Perhaps it only supports dhcpcd and not udhcpc triggering.

You could always modify the /etc/netplug.d/netplug script

http://www.red-bean.com/~bos/netplug/netplugd.8.html

----------

## josephg

 *chiefbag wrote:*   

> No I have never tried it with WiFi but use it for wired, just did a quick Google and it appears it supports wired and WiFi.

 

i ran netplugd in the foreground and could see it picking up the events as i turned my wifi device on and off. wpa_cli was being triggered from somewhere.. and wifi network was reconnecting. but it seemed to stop there, rather than go further and dhcp. i'm going to look a bit deeper into the code, if i can get my head around where this is happening.

 *chiefbag wrote:*   

> Perhaps it only supports dhcpcd and not udhcpc triggering.
> 
> You could always modify the /etc/netplug.d/netplug script

 

perhaps.. atmo i'm more keen on udhcpc than dhcpcd. if i go that way, i might as get rid of the whole netifrc stack.
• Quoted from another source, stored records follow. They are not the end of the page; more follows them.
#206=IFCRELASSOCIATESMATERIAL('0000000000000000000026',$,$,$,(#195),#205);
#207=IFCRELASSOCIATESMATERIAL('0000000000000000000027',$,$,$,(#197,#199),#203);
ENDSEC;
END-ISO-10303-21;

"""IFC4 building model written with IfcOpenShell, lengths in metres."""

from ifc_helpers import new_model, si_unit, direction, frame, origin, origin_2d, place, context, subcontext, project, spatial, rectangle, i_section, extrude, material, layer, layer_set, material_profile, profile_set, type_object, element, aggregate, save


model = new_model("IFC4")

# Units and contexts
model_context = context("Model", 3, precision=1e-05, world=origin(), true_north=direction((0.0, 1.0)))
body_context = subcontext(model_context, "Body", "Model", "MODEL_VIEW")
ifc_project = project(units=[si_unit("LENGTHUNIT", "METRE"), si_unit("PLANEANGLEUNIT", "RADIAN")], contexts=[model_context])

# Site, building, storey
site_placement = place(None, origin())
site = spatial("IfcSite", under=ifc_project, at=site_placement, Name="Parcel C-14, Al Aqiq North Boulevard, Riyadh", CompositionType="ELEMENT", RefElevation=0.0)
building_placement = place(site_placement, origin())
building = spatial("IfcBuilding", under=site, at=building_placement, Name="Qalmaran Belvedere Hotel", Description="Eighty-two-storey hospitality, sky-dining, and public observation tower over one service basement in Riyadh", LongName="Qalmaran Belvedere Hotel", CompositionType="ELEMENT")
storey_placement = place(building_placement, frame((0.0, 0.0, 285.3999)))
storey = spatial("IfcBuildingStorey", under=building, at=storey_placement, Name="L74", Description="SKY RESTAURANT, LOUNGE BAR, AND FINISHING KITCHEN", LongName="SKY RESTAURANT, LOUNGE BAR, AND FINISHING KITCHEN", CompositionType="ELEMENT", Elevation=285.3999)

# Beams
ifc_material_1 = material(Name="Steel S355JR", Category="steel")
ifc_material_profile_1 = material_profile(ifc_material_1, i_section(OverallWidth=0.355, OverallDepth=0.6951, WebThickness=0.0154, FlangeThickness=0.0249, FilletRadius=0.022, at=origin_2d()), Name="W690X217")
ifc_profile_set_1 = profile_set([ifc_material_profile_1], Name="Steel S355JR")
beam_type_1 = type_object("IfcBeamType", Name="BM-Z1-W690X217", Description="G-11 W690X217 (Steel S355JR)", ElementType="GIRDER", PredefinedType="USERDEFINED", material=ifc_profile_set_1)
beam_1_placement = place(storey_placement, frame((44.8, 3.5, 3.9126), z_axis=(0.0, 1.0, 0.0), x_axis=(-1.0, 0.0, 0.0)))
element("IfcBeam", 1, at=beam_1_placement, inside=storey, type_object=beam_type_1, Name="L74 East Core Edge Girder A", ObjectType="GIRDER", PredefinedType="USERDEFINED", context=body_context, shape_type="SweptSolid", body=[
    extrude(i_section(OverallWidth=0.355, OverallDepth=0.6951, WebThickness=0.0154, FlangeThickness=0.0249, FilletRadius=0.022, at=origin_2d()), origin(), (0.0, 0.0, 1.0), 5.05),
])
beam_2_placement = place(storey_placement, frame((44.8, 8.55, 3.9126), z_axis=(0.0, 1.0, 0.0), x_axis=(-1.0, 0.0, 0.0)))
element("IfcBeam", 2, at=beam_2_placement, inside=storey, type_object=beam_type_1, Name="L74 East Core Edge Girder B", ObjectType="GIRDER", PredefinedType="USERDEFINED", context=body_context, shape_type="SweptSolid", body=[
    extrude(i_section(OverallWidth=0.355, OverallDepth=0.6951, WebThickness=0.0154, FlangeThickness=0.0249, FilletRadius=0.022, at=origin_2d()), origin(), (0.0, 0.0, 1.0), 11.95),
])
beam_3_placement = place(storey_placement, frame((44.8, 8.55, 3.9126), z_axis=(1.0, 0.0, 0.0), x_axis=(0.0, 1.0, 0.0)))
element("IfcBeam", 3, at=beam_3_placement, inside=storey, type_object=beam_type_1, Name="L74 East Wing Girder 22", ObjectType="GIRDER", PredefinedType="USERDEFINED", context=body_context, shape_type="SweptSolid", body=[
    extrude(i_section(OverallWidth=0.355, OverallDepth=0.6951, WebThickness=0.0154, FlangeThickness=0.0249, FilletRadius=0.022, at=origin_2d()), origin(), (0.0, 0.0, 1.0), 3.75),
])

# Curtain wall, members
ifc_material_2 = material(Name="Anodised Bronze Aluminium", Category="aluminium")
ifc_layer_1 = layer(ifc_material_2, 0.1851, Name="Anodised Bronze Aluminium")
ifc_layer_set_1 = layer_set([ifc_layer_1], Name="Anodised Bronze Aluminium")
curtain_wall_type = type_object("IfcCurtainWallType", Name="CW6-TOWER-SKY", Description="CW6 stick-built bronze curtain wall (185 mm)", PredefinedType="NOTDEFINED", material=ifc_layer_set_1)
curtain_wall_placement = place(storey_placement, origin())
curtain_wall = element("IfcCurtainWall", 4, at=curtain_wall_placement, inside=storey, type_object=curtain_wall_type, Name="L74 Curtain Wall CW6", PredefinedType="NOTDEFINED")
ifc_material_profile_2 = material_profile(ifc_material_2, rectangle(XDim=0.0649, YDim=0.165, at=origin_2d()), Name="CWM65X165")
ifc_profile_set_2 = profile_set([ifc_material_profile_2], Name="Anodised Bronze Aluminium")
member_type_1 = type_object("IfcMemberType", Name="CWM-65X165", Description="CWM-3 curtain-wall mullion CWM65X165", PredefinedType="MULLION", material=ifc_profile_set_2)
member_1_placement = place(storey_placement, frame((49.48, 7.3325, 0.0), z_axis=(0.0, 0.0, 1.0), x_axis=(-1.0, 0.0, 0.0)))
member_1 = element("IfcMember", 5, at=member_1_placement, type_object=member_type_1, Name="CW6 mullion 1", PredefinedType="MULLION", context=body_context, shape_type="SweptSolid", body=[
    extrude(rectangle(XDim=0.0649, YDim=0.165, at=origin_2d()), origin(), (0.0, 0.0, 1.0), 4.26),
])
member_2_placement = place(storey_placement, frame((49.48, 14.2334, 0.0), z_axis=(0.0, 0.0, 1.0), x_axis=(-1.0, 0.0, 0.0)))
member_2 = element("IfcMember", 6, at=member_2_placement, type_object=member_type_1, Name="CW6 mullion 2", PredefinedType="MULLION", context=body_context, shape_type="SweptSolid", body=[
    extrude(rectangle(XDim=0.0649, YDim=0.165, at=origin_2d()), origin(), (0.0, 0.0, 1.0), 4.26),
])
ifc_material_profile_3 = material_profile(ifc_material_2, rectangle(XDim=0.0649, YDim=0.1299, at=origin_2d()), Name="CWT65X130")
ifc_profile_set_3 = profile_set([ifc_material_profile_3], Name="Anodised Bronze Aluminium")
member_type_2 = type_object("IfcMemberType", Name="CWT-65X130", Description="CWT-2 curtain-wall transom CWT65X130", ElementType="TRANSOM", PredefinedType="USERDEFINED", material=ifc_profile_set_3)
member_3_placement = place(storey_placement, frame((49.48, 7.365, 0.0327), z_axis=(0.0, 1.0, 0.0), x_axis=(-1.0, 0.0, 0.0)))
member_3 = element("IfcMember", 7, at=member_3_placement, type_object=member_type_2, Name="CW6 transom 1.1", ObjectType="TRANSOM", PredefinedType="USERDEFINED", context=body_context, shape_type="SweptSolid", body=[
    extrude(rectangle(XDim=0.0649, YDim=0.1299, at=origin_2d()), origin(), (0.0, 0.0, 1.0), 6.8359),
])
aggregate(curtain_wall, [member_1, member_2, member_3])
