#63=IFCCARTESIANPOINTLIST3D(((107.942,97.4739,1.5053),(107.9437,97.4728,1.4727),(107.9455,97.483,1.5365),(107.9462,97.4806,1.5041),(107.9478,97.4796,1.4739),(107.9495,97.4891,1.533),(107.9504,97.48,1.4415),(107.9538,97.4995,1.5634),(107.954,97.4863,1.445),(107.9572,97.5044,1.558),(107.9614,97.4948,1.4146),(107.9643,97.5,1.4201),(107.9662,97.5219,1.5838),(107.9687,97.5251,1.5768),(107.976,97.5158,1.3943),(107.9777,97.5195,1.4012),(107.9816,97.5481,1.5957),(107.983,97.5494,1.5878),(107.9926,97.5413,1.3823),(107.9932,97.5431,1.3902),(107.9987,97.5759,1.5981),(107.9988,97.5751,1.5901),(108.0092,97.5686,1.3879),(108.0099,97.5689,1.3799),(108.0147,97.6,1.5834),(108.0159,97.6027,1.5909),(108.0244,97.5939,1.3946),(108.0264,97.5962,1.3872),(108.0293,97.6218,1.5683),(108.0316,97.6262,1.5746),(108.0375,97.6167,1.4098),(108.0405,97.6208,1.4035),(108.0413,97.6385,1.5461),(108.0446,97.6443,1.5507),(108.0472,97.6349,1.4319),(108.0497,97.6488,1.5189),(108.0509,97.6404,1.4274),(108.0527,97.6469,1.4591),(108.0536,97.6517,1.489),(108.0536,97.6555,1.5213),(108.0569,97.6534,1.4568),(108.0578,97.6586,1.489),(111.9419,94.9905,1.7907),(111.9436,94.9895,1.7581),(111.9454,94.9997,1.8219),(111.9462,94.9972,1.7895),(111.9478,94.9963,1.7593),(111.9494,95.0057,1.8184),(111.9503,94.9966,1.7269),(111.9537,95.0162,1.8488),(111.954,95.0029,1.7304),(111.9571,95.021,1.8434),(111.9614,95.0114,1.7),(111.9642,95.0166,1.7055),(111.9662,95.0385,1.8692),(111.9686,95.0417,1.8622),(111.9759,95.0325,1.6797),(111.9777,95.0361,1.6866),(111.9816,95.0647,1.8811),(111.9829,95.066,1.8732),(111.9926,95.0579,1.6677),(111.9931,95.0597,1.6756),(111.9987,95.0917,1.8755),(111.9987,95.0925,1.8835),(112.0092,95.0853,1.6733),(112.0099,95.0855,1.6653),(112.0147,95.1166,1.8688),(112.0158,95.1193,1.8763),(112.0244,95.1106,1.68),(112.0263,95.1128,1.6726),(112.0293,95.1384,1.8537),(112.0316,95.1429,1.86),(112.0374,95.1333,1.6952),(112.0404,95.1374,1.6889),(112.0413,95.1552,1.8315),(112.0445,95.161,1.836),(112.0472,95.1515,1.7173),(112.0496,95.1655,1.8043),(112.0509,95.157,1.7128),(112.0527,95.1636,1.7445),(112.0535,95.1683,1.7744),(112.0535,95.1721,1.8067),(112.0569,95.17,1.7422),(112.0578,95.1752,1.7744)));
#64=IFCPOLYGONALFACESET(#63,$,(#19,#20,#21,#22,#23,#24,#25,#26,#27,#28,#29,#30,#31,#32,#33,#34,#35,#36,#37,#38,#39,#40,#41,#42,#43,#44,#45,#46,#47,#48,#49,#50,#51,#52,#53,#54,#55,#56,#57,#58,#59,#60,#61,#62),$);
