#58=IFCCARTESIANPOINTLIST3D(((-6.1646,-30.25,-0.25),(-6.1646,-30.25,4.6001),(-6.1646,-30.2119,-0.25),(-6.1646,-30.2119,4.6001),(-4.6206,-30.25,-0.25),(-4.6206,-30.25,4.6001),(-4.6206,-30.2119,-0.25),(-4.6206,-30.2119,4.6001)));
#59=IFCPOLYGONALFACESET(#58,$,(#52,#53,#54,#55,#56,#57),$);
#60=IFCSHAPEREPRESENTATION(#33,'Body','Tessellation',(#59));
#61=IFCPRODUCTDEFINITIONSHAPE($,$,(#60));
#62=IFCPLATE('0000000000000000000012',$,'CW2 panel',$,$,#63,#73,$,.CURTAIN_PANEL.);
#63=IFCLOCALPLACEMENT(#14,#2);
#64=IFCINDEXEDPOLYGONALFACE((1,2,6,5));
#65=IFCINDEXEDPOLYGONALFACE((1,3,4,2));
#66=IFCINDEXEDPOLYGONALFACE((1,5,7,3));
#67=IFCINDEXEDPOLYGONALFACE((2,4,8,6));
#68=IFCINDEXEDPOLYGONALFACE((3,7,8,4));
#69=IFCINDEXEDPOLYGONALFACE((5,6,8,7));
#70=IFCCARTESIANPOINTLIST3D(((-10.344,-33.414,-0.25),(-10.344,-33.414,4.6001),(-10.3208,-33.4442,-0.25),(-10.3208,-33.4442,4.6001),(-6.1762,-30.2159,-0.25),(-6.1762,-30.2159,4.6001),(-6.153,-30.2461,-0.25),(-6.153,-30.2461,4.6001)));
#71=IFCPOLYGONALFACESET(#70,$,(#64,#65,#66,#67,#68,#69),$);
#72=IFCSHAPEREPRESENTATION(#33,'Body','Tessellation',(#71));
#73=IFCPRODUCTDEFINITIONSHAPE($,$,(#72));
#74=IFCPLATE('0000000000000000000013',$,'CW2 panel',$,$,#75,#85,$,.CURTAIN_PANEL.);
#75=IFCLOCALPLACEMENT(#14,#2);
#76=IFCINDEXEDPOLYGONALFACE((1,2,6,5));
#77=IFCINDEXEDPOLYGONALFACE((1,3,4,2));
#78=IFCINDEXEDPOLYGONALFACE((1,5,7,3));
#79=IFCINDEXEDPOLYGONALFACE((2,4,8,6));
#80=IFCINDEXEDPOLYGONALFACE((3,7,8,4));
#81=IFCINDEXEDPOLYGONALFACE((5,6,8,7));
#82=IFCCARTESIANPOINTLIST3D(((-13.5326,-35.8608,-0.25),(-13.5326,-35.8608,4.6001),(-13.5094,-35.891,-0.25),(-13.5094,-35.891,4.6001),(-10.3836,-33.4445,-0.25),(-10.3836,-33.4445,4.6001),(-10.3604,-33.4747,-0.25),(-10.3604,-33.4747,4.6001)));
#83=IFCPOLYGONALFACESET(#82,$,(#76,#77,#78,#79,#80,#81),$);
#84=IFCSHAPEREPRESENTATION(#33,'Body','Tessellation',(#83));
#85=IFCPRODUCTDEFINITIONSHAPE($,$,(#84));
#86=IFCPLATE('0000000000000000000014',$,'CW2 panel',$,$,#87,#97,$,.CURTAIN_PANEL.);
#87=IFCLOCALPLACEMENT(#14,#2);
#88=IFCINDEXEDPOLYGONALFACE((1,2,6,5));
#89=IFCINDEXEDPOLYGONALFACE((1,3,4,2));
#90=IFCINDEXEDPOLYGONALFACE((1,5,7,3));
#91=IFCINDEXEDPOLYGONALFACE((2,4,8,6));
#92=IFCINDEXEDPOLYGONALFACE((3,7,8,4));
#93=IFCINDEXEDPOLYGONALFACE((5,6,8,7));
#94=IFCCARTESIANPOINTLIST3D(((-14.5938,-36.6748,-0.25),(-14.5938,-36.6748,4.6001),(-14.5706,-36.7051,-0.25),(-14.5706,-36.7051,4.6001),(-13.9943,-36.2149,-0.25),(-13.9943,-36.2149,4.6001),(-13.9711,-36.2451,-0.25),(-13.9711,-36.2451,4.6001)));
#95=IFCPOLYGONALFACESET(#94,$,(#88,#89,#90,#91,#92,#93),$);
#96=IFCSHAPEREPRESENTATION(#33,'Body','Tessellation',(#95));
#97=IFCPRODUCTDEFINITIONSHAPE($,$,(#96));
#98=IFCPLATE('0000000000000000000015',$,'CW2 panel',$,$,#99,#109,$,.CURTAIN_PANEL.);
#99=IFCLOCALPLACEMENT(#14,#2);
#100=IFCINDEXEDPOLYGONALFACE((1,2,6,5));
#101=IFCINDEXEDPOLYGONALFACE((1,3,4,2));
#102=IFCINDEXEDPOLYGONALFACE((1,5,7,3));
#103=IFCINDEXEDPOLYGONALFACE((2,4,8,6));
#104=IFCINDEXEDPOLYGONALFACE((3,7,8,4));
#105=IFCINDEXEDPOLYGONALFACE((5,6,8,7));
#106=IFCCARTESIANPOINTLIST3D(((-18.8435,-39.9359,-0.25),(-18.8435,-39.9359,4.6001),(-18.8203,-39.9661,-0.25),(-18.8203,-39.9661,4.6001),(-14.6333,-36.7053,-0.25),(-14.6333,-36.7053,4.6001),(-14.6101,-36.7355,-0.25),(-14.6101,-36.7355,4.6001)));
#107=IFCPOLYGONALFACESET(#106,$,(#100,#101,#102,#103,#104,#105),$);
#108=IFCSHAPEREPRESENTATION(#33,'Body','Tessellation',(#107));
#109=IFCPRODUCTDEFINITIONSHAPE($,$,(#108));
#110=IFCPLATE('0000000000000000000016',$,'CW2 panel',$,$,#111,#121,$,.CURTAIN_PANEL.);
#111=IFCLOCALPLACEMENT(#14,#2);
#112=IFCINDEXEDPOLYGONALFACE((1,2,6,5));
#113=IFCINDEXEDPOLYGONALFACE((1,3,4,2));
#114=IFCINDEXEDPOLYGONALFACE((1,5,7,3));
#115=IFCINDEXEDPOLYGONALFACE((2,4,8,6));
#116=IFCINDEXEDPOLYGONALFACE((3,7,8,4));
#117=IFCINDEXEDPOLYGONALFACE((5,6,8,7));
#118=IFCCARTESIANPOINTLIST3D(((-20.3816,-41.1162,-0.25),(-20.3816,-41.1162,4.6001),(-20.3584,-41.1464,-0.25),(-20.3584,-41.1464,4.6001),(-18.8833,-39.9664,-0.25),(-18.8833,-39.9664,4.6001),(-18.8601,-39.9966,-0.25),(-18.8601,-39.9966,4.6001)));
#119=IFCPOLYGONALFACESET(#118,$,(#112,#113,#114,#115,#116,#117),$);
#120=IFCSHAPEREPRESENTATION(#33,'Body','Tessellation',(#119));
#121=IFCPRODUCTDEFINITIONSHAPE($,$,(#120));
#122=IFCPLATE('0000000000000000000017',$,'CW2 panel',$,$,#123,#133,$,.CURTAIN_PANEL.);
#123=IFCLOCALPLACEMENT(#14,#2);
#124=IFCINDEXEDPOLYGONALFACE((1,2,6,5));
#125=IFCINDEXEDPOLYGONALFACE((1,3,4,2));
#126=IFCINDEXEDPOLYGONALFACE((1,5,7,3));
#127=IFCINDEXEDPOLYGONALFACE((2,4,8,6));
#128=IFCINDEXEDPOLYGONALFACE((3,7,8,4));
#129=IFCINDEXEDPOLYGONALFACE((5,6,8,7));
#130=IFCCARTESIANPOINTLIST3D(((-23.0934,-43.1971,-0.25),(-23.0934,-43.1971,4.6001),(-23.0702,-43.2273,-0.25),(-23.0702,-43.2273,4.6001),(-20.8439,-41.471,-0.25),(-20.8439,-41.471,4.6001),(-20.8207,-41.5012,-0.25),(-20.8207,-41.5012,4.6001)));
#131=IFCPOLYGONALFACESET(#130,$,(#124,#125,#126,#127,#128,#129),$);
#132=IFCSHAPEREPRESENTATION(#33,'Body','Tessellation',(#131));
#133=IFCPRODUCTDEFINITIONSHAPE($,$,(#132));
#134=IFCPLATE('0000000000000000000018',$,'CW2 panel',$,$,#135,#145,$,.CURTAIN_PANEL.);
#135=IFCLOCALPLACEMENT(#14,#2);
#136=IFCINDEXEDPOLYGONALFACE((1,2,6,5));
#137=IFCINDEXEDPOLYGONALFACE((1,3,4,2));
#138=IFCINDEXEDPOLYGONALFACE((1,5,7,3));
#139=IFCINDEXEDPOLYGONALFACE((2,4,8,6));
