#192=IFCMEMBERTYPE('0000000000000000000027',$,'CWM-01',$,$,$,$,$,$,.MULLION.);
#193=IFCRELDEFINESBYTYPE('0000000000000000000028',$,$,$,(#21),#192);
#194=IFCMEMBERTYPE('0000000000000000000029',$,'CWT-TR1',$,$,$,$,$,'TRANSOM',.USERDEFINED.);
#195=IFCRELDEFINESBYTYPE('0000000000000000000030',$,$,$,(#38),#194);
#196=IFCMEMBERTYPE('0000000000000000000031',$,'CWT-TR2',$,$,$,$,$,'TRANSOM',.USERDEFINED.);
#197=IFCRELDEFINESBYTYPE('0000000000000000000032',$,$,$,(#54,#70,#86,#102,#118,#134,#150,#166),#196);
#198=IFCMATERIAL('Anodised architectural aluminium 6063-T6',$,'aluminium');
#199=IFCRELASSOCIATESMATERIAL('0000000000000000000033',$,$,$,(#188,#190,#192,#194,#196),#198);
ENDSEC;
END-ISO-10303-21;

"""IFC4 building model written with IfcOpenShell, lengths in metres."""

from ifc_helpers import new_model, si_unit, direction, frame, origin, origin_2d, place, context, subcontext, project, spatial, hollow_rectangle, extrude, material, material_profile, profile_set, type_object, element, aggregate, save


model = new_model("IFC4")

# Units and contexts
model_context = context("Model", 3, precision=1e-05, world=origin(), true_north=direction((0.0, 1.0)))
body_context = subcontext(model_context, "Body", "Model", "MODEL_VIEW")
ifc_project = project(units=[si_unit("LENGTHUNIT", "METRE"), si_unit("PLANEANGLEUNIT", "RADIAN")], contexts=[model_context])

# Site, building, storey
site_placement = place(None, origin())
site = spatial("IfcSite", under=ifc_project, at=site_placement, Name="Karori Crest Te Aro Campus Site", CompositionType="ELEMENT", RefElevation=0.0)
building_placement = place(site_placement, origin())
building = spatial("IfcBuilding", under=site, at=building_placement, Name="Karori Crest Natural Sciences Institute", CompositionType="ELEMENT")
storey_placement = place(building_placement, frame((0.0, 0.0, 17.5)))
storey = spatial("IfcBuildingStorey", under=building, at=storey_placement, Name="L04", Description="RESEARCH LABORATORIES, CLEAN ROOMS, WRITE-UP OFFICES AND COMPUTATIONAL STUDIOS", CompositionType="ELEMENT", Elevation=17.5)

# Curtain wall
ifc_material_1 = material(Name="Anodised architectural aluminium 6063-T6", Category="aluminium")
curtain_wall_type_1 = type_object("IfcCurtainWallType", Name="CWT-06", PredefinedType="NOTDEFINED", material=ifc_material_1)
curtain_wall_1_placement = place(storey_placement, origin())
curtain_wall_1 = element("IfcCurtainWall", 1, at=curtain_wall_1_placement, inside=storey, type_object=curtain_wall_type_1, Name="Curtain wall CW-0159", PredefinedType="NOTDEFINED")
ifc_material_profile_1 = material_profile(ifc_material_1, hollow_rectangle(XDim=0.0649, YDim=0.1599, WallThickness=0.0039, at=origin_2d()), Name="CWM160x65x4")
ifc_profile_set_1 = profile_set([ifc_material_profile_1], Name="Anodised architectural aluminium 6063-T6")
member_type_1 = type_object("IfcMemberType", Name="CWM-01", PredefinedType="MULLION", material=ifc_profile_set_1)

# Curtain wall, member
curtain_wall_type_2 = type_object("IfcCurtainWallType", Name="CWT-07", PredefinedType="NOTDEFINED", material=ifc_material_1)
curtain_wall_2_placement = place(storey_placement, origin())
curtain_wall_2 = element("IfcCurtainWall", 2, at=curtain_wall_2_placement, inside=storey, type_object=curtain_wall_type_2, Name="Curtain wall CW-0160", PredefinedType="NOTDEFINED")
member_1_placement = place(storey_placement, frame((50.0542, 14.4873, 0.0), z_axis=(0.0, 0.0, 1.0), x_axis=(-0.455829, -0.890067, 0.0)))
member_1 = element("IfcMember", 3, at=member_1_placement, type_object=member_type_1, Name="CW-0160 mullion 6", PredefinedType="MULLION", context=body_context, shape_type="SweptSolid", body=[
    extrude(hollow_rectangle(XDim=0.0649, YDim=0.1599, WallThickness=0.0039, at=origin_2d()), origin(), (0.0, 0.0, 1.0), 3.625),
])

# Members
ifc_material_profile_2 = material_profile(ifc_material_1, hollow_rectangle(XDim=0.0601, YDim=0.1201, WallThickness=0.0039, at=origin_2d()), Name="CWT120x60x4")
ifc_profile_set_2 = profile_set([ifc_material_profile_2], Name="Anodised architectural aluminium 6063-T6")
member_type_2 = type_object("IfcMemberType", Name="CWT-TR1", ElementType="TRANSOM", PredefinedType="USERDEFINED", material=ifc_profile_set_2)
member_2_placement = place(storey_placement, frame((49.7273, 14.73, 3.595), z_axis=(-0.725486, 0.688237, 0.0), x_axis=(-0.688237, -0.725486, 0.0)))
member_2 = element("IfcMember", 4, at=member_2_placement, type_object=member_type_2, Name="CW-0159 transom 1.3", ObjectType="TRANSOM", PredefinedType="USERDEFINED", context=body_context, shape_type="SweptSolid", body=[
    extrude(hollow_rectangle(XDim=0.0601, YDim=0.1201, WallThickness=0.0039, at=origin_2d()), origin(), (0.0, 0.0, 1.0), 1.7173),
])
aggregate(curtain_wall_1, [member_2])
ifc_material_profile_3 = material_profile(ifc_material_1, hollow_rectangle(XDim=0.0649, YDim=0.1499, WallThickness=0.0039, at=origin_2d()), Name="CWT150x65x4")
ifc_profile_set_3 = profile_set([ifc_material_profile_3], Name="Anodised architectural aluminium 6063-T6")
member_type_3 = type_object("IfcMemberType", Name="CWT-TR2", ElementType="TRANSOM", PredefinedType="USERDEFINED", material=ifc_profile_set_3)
that netplug script is triggering /etc/init.d/net.${IFACE}. when i run it manually, i get dhcp ip correctly. but it doesn't seem to happen automagically. bit stumped.Last edited by josephg on Wed Jun 28, 2017 5:21 pm; edited 1 time in total

----------

## josephg

i removed netplug by "emerge -c netplug". so my interface shouldn't hotplug, right? wrong! it still does so.. syslog shows wpa_cli as DISCONNECTED and CONNECTED after suspend and resume.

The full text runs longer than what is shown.